Compute the square root of z.

template<typename T>
Complex<T> conj(Complex<T> z)

Evaluates the complex conjugate of z.

template<typename T>
Complex<T> rcp(Complex<T> z)

Evaluates the complex reciprocal of z.

Arithmetic operators

Only a few arithmetic operators need to be overridden to support complex arithmetic. The rest are automatically provided by Enoki’s existing operators and broadcasting rules.

template<typename T>
Complex<T> operator*(Complex<T> z0, Complex<T> z1)

Evaluates the complex product of z1 and z2.

template<typename T>
Complex<T> operator/(Complex<T> z0, Complex<T> z1)

Evaluates the complex division of z1 and z2.

Stream operators

std::ostream &operator<<(std::ostream &os, const Complex<T> &z)

Sends the complex number z to the stream os using the format 1 + 2i.

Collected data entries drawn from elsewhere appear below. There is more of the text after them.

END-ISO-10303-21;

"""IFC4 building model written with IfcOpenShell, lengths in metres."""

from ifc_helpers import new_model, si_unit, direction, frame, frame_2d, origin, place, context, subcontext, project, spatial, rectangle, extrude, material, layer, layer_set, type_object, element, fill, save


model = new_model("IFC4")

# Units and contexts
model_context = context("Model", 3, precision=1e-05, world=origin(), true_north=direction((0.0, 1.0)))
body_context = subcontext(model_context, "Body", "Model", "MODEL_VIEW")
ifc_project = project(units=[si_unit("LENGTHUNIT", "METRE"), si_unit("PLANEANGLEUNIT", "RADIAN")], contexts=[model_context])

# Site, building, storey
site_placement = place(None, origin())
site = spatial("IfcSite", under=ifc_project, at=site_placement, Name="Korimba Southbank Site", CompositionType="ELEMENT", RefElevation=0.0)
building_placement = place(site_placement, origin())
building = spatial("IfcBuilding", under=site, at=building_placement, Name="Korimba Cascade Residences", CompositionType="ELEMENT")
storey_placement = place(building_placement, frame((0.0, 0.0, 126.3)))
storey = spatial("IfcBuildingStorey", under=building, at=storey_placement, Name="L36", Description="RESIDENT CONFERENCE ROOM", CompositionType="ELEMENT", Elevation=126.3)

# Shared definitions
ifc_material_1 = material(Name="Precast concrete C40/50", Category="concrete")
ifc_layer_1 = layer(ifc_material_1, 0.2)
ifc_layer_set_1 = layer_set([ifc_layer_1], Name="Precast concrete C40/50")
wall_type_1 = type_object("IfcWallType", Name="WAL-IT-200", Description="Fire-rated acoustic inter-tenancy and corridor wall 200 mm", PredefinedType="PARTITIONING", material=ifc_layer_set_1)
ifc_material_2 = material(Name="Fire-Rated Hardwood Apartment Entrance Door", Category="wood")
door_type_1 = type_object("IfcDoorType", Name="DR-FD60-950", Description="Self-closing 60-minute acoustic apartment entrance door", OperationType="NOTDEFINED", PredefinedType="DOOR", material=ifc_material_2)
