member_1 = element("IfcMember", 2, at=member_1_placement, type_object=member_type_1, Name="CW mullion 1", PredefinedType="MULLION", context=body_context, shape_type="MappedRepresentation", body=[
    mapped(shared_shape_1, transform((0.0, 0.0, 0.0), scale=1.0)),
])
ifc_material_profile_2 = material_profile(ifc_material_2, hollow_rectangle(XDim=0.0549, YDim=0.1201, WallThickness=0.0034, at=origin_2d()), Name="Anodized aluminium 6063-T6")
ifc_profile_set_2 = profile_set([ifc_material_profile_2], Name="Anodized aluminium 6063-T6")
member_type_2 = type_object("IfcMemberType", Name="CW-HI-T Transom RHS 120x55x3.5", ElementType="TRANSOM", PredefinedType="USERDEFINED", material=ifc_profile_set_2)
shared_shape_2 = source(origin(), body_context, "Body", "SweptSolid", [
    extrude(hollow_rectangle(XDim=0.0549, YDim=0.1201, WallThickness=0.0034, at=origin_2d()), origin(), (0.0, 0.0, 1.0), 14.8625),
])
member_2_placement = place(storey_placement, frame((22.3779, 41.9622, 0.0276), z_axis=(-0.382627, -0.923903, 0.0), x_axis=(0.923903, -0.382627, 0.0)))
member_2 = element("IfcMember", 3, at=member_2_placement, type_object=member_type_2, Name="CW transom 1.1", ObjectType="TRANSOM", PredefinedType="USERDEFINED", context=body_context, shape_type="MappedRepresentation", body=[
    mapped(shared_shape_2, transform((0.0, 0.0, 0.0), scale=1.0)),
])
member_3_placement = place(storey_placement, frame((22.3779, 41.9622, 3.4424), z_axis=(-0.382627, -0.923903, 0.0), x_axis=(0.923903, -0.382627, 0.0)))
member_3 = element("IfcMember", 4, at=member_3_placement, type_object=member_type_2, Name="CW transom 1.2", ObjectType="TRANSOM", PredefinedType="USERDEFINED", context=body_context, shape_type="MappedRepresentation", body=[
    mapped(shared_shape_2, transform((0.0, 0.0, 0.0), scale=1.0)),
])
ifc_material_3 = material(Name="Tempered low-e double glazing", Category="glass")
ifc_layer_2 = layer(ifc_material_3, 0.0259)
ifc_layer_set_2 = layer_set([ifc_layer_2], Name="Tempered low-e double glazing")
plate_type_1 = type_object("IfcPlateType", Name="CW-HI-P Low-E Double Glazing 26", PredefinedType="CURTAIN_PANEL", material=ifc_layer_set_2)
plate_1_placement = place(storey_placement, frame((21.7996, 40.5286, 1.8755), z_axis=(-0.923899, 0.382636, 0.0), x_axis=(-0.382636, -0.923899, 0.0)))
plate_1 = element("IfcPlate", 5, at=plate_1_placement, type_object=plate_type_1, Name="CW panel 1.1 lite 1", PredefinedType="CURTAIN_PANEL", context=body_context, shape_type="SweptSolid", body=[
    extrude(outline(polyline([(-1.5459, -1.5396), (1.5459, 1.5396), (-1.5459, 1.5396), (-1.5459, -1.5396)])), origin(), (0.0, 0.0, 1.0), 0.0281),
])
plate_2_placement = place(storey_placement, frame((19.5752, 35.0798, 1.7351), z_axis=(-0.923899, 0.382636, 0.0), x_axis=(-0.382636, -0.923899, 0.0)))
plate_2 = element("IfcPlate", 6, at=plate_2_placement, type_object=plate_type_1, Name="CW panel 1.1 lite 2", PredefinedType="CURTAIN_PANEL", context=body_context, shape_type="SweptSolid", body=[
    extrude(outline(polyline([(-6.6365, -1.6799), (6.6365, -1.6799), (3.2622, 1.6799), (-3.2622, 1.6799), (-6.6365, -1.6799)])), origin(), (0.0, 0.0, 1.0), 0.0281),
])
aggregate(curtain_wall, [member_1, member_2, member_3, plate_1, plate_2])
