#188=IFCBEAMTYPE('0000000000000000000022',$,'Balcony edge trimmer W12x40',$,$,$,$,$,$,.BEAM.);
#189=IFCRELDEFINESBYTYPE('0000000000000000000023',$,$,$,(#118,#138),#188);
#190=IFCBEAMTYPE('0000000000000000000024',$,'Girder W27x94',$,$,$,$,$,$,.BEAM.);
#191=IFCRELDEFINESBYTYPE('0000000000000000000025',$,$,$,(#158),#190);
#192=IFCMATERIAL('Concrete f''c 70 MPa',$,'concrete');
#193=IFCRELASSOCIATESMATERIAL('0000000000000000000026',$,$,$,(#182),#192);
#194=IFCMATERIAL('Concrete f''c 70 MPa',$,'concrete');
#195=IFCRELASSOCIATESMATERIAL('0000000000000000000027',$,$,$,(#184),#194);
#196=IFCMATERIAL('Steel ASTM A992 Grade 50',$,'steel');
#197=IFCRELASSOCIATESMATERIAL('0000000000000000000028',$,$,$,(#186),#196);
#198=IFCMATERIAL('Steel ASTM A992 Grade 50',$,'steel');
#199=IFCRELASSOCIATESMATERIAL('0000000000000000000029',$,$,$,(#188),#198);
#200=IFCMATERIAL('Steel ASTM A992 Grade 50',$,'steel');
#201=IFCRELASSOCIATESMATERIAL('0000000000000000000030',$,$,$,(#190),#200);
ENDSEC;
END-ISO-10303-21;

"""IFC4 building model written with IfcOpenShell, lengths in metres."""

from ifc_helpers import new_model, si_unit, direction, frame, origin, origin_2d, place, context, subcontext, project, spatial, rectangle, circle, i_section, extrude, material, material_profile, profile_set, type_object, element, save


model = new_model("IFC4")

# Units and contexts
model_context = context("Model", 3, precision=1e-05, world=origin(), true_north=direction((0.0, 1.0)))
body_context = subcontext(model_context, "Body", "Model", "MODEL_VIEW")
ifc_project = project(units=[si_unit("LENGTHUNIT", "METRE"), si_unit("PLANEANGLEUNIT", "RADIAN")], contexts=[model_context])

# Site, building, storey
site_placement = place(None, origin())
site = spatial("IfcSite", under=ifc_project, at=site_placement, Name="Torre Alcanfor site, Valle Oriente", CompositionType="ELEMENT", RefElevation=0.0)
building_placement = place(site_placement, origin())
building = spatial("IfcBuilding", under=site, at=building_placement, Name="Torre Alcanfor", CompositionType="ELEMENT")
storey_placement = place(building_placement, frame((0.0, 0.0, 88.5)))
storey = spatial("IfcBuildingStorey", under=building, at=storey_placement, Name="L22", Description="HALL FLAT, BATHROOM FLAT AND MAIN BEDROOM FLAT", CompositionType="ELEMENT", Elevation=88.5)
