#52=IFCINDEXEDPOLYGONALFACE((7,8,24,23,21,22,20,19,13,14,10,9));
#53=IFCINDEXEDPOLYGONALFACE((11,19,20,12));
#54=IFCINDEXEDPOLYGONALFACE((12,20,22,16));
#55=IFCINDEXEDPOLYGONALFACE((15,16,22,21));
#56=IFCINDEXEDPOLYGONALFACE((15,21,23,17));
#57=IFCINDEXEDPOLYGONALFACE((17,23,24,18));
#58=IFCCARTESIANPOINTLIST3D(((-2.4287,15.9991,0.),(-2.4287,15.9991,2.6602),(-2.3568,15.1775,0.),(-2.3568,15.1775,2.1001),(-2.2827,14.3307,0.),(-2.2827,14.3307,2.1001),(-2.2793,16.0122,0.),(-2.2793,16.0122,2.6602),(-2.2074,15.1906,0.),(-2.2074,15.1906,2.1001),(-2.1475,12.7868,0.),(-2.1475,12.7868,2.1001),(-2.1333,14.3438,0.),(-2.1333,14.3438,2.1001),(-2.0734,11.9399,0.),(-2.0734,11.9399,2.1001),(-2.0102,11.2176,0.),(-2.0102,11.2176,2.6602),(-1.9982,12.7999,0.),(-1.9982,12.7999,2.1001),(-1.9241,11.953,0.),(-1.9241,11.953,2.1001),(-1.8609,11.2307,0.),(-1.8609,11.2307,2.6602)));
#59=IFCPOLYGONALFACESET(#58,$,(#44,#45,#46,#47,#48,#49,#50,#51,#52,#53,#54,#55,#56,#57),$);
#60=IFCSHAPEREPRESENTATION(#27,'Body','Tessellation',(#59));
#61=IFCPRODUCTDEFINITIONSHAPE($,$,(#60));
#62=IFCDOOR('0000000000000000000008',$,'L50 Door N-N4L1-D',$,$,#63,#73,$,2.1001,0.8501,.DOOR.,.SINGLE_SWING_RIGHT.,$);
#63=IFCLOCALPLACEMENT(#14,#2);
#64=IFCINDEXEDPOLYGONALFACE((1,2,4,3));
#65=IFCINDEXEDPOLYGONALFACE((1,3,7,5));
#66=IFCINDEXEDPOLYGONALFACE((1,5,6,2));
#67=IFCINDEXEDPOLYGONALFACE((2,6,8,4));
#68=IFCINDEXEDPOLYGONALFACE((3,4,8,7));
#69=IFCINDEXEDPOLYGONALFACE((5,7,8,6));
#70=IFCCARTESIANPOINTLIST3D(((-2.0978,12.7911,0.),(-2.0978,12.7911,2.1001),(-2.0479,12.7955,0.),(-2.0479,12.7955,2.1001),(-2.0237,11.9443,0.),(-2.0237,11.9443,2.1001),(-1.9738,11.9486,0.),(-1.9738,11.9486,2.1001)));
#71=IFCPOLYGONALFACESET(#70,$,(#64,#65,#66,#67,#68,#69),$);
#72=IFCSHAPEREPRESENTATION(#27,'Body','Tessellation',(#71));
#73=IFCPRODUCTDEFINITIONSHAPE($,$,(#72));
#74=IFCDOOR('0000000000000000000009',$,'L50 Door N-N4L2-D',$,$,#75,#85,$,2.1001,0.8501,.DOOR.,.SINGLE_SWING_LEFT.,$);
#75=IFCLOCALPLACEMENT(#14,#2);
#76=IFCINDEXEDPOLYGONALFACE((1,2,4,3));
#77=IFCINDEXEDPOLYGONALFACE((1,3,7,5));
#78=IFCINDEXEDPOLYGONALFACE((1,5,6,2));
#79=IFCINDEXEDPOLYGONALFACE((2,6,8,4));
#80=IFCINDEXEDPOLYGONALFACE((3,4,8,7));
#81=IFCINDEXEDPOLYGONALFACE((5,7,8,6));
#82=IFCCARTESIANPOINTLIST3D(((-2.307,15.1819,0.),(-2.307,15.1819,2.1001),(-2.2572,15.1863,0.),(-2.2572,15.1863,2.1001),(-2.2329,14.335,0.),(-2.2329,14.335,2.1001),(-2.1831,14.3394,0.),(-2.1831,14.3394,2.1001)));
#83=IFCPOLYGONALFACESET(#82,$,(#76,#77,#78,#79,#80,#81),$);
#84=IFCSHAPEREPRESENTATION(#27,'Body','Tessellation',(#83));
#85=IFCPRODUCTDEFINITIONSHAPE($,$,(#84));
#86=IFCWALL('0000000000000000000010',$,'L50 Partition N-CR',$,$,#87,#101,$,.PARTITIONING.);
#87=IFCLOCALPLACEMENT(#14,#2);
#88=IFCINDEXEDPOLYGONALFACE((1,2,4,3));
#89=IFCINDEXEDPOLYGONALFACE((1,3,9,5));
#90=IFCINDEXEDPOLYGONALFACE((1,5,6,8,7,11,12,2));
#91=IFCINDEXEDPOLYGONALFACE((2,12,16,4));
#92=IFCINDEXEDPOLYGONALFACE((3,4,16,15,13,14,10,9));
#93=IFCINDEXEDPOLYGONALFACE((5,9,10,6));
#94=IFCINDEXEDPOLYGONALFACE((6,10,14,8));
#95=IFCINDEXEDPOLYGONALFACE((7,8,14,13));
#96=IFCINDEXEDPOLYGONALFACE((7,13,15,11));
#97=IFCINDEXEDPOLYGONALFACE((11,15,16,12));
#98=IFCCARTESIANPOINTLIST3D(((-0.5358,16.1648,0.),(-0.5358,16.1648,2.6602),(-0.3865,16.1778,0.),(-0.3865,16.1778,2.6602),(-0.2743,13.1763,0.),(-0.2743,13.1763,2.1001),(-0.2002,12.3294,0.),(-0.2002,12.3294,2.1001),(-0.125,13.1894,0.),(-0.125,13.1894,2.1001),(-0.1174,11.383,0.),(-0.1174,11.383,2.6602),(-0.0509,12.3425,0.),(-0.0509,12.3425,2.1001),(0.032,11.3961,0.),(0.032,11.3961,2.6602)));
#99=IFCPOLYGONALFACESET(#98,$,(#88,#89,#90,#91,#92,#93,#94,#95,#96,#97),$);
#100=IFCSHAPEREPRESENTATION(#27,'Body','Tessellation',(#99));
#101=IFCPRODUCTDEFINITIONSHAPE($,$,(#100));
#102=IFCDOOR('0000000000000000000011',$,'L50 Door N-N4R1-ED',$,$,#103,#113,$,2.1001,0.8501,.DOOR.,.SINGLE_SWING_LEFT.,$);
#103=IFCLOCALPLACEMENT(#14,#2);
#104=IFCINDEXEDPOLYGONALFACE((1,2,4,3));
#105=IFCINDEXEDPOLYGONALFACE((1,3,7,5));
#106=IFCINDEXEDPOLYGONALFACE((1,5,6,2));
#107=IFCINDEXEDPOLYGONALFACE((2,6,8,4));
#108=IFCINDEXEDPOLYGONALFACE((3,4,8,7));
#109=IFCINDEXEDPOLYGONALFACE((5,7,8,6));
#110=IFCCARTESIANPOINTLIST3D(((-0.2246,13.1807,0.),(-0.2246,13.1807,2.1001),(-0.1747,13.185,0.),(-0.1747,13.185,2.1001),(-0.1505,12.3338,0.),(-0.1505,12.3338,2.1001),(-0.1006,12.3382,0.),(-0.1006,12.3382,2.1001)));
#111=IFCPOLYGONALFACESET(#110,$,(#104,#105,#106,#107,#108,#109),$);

Exponential, logarithm, and power function

template<typename T>
Complex<T> exp(Complex<T> z)

Evaluates the complex exponential of z.

template<typename T>
Complex<T> log(Complex<T> z)

Evaluates the complex logarithm of z.

template<typename T>
Complex<T> pow(Complex<T> z0, Complex<T> z1)

Evaluates the complex power of z0 raised to the z1.

Trigonometric functions

template<typename T>
Complex<T> sin(Complex<T> z)

Evaluates the complex sine function for z.

template<typename T>
Complex<T> cos(Complex<T> z)

Evaluates the complex cosine function for z.

template<typename T>
Complex<T> tan(Complex<T> z)

Evaluates the complex tangent function for z.

template<typename T>
std::pair<Complex<T>, Complex<T>> sincos(Complex<T> z)

Jointly evaluates the complex sine and cosine function for z.

template<typename T>
Complex<T> asin(Complex<T> z)

Evaluates the complex arc sine function for z.

template<typename T>
Complex<T> acos(Complex<T> z)

Evaluates the complex arc cosine function for z.

template<typename T>
Complex<T> atan(Complex<T> z)

Evaluates the complex arc tangent function for z.

Hyperbolic functions

template<typename T>
Complex<T> sinh(Complex<T> z)

Evaluates the complex hyperbolic sine function for z.

template<typename T>
Complex<T> cosh(Complex<T> z)

Evaluates the complex hyperbolic cosine function for z.

template<typename T>
Complex<T> tanh(Complex<T> z)

Evaluates the complex hyperbolic tangent function for z.

template<typename T>
std::pair<Complex<T>, Complex<T>> sincosh(Complex<T> z)

Jointly evaluates the complex hyperbolic sine and cosine function for z.

template<typename T>
Complex<T> asinh(Complex<T> z)

Evaluates the complex hyperbolic arc sine function for z.

template<typename T>
Complex<T> acosh(Complex<T> z)

Evaluates the complex hyperbolic arc cosine function for z.

template<typename T>
Complex<T> atanh(Complex<T> z)

Evaluates the complex hyperbolic arc tangent function for z.

Miscellaneous functions

std::pair<T, T> sincos_arg_diff(const Complex<T> &z1, const Complex<T> &z2)

Efficiently evaluates sin(arg(z1) - arg(z2)) and cos(arg(z1) - arg(z2)).

template<typename T>
Complex<T> sqrtz(T x)

Compute the complex square root of a real-valued argument x (which may be negative). This is considerably more efficient than the general complex square root above.